The respondent also argues that no dividend was distributed because Superpower did not have sufficient earnings or surplus to permit it. This contention is based chiefly on the bookkeeping of Superpower. The United stock was acquired in exchange for other securities which were carried at cost, although in the exchange a greatly increased value was placed upon them. This appreciation of about $46,000,000 was not, however, entered upon the books as profit, and the original cost item was carried along as the cost of United stock. It gave a basis of $8,94 per share, but, in computing the value of the rights distributed in order to prove that earnings were insufficient to pay such a dividend, the value of the stock was taken as some $50 or $60 per share.
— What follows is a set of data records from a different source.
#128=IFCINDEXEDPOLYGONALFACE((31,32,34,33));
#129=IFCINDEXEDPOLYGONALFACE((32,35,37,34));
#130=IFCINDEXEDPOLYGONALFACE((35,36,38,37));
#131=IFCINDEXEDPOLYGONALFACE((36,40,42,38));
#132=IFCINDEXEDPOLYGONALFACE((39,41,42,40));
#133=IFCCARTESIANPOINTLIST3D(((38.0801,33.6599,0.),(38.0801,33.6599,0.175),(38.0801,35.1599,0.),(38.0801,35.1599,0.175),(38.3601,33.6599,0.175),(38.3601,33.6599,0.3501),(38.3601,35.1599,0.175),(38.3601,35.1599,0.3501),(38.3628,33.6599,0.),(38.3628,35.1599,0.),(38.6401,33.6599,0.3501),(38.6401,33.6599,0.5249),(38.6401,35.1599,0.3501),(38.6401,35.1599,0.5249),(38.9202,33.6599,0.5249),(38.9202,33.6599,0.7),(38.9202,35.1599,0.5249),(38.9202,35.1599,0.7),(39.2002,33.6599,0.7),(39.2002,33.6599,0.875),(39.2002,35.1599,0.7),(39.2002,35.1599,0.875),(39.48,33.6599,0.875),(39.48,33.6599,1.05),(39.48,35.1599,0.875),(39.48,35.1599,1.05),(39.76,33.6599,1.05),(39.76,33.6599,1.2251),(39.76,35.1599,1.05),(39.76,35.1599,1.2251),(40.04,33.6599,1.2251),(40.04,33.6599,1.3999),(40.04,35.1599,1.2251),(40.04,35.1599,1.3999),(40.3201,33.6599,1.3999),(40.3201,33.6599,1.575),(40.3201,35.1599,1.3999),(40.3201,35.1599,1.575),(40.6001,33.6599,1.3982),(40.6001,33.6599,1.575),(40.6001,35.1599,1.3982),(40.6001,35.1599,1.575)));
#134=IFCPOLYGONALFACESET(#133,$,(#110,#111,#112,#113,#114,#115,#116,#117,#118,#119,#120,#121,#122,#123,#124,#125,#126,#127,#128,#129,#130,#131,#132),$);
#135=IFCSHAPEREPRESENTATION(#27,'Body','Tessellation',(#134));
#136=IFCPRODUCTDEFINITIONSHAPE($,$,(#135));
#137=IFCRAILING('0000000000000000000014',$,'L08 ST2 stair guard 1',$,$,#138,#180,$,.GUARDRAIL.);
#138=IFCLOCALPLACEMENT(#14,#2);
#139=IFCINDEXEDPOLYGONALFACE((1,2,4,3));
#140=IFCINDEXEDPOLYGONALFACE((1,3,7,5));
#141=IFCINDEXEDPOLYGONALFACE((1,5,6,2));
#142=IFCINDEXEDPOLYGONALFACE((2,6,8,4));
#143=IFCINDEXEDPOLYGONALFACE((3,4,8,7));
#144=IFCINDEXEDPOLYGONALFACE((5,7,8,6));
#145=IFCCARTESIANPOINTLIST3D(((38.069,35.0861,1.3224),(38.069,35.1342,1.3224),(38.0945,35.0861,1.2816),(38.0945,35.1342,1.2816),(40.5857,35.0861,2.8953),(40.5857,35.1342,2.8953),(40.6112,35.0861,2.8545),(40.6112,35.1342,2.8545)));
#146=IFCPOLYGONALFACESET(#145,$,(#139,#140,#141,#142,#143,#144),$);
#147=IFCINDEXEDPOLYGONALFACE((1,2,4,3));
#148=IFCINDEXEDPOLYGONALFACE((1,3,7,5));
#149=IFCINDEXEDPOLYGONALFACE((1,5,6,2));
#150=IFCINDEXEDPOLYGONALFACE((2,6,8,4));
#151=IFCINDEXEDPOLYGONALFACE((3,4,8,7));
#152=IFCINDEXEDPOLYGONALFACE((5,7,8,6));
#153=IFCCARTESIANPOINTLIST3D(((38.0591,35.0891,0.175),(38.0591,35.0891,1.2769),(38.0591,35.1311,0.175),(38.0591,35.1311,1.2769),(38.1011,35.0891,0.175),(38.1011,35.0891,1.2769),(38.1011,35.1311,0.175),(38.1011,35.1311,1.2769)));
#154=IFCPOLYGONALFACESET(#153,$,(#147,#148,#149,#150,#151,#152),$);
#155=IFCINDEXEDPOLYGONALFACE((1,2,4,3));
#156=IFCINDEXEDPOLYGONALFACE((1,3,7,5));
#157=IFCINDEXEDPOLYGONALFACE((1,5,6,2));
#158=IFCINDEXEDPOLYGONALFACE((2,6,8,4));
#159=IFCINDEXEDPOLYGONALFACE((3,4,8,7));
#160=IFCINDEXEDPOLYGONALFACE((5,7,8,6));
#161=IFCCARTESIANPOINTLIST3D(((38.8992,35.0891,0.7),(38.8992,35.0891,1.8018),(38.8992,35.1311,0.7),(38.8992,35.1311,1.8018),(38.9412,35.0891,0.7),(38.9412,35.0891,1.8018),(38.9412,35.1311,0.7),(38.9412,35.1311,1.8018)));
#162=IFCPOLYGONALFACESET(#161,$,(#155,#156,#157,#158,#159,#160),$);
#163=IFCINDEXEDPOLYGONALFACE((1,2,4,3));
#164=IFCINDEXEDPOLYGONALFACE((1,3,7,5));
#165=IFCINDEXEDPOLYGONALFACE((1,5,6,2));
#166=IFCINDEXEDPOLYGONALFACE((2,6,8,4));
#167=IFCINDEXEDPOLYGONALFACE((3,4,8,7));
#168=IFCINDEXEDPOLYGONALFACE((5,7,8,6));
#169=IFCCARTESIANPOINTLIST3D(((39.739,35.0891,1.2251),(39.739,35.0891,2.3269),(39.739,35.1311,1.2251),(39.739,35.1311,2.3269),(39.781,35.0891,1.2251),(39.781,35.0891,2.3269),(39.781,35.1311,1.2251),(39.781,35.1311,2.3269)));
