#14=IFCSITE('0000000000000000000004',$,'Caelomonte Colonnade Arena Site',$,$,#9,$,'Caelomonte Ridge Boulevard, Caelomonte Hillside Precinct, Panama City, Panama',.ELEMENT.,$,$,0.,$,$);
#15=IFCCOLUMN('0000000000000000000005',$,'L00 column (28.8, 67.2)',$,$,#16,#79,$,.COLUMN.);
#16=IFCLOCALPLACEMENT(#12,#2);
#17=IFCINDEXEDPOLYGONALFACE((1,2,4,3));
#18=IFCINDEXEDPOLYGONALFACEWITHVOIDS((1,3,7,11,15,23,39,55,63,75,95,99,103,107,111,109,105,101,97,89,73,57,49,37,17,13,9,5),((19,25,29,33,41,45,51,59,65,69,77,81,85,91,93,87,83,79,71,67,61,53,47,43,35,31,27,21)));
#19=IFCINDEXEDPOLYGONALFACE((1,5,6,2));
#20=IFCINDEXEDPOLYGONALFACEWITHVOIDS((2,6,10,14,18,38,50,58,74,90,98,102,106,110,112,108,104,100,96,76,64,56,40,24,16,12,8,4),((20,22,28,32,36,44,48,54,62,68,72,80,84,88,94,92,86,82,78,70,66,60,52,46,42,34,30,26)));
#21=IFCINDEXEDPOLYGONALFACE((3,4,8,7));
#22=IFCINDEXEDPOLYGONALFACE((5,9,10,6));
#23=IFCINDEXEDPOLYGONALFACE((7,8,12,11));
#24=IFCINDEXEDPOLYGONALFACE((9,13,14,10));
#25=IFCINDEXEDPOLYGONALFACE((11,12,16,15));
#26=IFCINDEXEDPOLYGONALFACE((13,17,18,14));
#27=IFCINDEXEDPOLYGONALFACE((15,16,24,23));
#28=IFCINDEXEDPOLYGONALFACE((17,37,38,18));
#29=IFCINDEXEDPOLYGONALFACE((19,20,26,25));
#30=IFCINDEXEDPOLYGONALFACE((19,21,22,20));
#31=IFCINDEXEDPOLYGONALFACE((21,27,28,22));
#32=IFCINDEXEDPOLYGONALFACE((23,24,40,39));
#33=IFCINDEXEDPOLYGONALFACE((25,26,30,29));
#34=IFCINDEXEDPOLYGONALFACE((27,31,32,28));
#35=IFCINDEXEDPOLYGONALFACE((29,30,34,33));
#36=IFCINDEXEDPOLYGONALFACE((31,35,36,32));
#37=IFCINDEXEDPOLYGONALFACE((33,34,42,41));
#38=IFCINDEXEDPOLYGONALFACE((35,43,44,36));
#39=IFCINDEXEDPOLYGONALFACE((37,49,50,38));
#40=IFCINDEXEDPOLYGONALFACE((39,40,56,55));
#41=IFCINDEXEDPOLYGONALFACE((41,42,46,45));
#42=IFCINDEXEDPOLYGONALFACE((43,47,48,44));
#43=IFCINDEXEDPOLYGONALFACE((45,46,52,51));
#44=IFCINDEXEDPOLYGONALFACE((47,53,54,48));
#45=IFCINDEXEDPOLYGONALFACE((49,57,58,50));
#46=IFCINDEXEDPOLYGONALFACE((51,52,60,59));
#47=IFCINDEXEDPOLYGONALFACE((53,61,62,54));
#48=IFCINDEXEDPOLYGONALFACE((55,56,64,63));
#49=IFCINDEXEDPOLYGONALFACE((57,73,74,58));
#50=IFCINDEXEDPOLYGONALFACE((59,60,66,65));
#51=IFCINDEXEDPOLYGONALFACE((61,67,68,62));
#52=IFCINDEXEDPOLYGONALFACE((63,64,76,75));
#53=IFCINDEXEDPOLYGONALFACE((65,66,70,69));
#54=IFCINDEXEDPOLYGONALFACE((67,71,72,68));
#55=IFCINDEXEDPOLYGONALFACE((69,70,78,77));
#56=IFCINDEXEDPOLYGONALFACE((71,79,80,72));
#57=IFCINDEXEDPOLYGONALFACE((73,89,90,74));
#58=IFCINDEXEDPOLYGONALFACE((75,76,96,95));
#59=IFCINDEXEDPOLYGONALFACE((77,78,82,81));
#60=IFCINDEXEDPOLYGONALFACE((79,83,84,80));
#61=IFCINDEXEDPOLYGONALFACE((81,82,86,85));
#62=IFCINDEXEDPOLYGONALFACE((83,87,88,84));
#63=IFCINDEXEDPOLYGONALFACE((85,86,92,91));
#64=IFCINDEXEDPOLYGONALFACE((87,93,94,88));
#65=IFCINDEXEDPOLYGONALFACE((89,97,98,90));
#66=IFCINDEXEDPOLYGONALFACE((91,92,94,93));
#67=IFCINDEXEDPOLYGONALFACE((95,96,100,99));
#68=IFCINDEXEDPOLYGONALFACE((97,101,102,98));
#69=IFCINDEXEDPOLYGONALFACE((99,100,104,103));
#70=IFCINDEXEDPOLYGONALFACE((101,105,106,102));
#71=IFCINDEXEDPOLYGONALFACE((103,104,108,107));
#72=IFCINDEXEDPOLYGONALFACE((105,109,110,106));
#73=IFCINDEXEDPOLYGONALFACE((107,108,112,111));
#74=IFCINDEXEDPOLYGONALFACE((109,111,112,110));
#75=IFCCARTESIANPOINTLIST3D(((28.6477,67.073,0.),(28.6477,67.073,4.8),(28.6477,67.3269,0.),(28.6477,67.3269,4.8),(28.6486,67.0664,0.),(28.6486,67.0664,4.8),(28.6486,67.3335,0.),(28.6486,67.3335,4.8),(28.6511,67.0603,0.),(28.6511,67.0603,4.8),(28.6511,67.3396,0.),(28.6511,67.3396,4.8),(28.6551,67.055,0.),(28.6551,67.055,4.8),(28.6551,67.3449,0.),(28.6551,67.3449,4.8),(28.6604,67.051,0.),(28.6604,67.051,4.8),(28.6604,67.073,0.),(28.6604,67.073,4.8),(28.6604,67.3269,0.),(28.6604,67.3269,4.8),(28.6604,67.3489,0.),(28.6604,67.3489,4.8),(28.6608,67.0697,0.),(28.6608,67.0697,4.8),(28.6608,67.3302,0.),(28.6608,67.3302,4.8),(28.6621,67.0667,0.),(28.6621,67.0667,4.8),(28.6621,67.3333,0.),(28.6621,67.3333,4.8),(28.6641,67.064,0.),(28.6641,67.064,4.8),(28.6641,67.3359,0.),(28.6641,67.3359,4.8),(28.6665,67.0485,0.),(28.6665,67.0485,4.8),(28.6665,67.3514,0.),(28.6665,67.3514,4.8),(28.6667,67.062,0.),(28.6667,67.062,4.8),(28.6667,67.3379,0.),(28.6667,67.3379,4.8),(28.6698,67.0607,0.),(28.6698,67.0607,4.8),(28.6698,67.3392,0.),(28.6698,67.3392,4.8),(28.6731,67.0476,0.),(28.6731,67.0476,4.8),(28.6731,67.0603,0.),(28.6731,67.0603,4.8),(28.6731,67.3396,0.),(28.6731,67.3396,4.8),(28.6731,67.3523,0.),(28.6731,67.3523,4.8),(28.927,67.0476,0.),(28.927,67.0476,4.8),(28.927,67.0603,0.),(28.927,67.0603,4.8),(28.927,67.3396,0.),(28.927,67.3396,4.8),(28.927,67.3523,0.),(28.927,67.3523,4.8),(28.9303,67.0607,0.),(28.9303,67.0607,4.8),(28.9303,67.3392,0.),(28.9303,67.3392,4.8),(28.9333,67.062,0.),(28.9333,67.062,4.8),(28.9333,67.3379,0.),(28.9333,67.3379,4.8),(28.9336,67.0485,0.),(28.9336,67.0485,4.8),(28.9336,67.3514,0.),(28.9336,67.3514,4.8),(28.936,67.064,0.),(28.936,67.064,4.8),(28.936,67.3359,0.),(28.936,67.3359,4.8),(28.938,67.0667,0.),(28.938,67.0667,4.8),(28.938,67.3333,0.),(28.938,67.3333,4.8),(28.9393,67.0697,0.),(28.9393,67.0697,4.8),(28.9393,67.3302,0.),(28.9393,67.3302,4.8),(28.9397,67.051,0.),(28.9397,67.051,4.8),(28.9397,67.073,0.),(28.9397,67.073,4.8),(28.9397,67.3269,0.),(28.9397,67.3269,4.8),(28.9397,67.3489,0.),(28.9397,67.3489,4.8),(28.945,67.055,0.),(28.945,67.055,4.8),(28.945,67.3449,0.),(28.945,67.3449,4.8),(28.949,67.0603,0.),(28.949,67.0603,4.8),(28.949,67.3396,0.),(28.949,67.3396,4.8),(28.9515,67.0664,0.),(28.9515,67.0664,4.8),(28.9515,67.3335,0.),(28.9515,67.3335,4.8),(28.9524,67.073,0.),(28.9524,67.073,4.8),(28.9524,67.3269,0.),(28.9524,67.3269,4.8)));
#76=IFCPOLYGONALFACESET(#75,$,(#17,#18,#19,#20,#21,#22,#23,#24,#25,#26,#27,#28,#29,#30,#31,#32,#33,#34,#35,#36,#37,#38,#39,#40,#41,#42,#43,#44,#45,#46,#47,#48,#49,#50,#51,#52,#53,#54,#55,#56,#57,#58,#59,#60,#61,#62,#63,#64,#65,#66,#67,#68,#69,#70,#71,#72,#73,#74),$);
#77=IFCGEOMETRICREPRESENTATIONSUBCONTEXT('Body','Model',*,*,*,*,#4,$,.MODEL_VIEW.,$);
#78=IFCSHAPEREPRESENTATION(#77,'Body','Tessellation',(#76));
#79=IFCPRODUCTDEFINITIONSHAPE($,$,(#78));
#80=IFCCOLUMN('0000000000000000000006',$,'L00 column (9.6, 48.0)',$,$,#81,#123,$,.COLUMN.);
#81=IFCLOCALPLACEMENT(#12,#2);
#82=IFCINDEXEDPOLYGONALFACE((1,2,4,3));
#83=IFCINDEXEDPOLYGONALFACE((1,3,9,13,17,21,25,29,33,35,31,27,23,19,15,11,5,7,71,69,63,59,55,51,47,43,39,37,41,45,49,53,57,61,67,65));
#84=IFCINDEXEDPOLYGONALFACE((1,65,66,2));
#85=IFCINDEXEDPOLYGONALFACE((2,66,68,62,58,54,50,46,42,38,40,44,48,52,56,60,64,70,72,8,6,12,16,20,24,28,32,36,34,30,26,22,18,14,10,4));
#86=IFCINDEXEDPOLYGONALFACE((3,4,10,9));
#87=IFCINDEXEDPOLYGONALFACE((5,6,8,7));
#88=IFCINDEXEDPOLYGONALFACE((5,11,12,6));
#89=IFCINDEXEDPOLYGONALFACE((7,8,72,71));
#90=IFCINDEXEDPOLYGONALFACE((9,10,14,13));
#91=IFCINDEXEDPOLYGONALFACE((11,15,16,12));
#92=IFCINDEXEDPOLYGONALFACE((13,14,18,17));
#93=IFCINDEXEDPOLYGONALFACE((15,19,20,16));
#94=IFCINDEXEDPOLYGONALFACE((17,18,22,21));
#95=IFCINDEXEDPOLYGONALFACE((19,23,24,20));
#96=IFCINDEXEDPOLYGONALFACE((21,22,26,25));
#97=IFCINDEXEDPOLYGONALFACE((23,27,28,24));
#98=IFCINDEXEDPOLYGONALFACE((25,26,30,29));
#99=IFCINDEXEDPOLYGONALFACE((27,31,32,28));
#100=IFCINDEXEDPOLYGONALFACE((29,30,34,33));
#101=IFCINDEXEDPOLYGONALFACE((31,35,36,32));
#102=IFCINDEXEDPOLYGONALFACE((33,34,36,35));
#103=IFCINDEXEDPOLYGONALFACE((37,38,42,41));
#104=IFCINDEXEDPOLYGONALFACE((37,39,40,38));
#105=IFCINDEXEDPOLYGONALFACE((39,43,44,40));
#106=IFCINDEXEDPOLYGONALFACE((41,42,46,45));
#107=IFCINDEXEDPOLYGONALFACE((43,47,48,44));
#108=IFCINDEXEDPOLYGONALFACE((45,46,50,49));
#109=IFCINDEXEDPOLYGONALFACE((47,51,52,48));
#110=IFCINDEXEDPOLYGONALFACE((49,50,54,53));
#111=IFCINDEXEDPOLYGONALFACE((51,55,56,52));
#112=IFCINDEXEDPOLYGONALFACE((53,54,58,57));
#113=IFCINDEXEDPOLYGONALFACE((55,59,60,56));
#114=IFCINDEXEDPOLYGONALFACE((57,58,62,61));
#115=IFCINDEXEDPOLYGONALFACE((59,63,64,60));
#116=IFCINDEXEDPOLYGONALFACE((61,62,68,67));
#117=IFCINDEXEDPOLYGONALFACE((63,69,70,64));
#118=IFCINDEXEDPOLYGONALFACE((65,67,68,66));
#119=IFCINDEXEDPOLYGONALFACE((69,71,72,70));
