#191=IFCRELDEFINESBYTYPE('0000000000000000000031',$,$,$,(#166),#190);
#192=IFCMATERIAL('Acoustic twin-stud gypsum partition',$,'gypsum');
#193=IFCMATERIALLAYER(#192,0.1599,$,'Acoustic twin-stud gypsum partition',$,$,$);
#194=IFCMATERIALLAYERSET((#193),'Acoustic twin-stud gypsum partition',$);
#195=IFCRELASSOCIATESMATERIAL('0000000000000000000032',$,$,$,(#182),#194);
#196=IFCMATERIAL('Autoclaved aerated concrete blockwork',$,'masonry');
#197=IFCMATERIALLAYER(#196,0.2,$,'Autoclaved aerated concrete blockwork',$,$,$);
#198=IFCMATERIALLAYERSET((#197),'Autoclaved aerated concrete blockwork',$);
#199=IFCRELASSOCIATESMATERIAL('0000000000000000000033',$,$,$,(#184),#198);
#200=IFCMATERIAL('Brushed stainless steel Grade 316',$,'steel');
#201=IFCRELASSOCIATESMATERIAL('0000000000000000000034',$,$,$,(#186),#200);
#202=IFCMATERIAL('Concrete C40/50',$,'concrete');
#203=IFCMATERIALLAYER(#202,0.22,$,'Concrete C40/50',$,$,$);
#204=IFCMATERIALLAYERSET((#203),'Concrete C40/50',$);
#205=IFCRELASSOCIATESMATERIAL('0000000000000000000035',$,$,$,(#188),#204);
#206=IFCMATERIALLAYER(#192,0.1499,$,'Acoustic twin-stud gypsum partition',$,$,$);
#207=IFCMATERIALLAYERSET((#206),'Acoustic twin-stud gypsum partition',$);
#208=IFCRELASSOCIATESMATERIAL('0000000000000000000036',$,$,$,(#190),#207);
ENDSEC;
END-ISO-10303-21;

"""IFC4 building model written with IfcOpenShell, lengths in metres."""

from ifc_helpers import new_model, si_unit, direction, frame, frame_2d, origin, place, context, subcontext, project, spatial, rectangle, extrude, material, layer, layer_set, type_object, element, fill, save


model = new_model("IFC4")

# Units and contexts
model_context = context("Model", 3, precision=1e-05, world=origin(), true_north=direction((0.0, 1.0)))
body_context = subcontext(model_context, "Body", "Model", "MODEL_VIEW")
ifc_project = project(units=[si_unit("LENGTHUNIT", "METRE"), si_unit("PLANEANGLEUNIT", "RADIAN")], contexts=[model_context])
Any consistent analysis of the figures will demonstrate beyond question that the earnings and profits were sufficient to permit distribution of the value of the rights without impairing capital. Such distribution was therefore a dividend.
The remaining question relates to the date as of which the rights shall be valued. Cash dividends are not income to a shareholder until absolutely at his disposal.Avery v. Commissioner, 292 U.S. 210, 54 S. Ct. 674, 78 L. Ed. 1216. No reason is apparent for distinguishing between cash and property dividends as to the time when they become income. The date when the respective rights became available to the shareholders was when the certificates or warrants were received, and that is the date as of which they should be valued. See 74 Treas. Reg. art. 627.